The application was lodged on 19th Nov 2016. The date we stated our relationship became de facto was 21st Dec 2014. That was the date we became a couple.

Would you like to take a look at my list of evidence? I can generate my checklist if you will and go from there.

We haven't registered our relationship. We are in the U.K. and I wasn't aware that this was possible.

On a side note, the gym that we both attend together has agreed to provide a membership letter for us. What should be included?


----------



## Mish (Jan 13, 2013)

You can post the list of evidence in this thread if you want.

So both of you are living in the UK? I assume you have applied for the 309 and not the 820 then as the title of the thread indicates.

They will need to say how long you have both been members of the gym and the address that they have for you and of course both of your names.


----------



## Mania (Sep 7, 2016)

Barron91 said:


> A tad harsh to brand my application as "poorly prepared" when you don't know the full details.
> 
> I agree that re-applying if refused would be more costly but I don't feel like we have missed anything major. I'm looking for advice as to what else I could include and what additional they could potentially they are looking for.


Sorry I was a bit blunt, not my intention.

When I say a poorly prepared application I mean one that requires further information to be considered complete, as in this instance.

The issue you have is you don't believe you missed anything major, but it appears that the person assessing it has decided that you are.

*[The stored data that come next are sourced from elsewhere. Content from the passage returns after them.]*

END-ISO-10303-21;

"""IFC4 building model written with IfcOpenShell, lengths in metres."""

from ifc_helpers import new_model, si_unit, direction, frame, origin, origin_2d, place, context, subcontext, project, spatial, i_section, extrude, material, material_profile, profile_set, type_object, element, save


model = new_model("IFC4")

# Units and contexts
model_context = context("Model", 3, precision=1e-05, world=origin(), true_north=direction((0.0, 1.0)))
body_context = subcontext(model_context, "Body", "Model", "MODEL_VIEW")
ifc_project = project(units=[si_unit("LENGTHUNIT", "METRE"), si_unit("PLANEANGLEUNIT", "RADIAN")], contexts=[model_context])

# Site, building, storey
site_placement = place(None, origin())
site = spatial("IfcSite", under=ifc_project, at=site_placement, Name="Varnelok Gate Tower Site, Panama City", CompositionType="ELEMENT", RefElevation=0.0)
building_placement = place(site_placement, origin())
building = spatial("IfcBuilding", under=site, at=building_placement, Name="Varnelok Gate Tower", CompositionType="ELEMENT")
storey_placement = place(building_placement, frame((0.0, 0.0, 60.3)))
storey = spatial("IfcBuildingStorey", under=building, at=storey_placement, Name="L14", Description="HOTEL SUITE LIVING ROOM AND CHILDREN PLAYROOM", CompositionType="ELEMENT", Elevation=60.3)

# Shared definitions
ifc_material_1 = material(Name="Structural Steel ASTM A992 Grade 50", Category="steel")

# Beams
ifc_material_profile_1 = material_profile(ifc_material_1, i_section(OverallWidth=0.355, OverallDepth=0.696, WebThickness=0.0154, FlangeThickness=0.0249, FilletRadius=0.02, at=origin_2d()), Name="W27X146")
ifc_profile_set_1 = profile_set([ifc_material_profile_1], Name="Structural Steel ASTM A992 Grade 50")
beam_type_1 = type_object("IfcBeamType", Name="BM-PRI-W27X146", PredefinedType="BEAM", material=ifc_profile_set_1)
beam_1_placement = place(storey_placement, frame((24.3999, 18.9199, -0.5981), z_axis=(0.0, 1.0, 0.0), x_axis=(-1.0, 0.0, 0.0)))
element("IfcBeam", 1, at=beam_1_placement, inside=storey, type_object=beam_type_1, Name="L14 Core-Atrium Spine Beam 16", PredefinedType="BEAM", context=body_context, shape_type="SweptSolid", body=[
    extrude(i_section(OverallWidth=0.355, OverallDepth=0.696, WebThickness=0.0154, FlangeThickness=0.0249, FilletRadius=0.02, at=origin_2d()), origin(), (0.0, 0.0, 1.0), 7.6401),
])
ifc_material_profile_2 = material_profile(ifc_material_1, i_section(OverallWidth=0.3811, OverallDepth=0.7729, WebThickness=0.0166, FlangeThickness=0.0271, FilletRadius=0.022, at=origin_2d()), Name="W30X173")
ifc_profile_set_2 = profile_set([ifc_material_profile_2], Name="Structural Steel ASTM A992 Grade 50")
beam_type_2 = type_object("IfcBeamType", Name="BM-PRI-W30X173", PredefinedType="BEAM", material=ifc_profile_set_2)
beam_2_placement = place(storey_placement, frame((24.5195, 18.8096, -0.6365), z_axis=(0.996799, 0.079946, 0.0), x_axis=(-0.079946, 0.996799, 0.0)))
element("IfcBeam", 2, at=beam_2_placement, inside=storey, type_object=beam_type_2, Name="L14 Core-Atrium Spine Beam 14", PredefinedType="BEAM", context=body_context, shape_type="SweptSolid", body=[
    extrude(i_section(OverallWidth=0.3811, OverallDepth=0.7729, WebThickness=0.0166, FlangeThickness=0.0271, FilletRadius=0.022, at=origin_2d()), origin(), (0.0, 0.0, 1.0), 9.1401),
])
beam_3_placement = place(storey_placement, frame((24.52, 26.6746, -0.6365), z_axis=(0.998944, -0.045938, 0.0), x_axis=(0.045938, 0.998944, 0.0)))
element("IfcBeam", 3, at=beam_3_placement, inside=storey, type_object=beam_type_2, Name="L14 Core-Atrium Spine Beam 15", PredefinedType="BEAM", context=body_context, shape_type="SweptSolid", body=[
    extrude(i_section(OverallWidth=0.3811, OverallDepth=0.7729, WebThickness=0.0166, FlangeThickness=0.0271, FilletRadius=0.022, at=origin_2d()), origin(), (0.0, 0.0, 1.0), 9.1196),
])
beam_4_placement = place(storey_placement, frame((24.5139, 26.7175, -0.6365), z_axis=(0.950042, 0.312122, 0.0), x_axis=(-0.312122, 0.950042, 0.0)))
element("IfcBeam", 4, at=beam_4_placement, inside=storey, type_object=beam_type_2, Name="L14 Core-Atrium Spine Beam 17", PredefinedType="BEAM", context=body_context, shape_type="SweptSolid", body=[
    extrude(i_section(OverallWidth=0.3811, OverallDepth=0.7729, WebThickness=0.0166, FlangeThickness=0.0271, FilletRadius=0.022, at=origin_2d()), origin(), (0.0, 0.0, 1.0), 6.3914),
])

As such a look over your information by a migration agent should be able to identify what further items you need to add.

In relation to a cost, it would depend on how much work is required, an initial consult will be around the $200 mark - there's a few agents on here, sending the them a PM to ask for an approximate cost will cost you nothing.

I know the question was aimed at Mish - but if you have a checklist of what you have provided so far I'm sure there's a few people here that can give you fairly helpful pointers.

Having said that - I can't stress how important it is that you get proper advice, preferably professional.


----------



## Barron91 (Nov 6, 2016)

Mish said:


> You can post the list of evidence in this thread if you want.
> 
> So both of you are living in the UK? I assume you have applied for the 309 and not the 820 then as the title of the thread indicates.
> 
> They will need to say how long you have both been members of the gym and the address that they have for you and of course both of your names.


Now I feel completely idiotic. Yes we have applied for the 309 but the visa codes are all bundled into one and I thought it was 820 and moving into a 801 rather than 309 into 100. I got it the wrong way around 

In regards the gym membership, that is find. He will be able to include that information.


----------



## Barron91 (Nov 6, 2016)

Here is the list of my evidence. I have typed it from my IMMI account.

Let me know if anything glaringly obvious is missing.

Supporting statements

Form 888 x 2 from Australian citizens (parent and friend)
Written supporting statement x 3 (2 x my friends and 1 x GF's friend)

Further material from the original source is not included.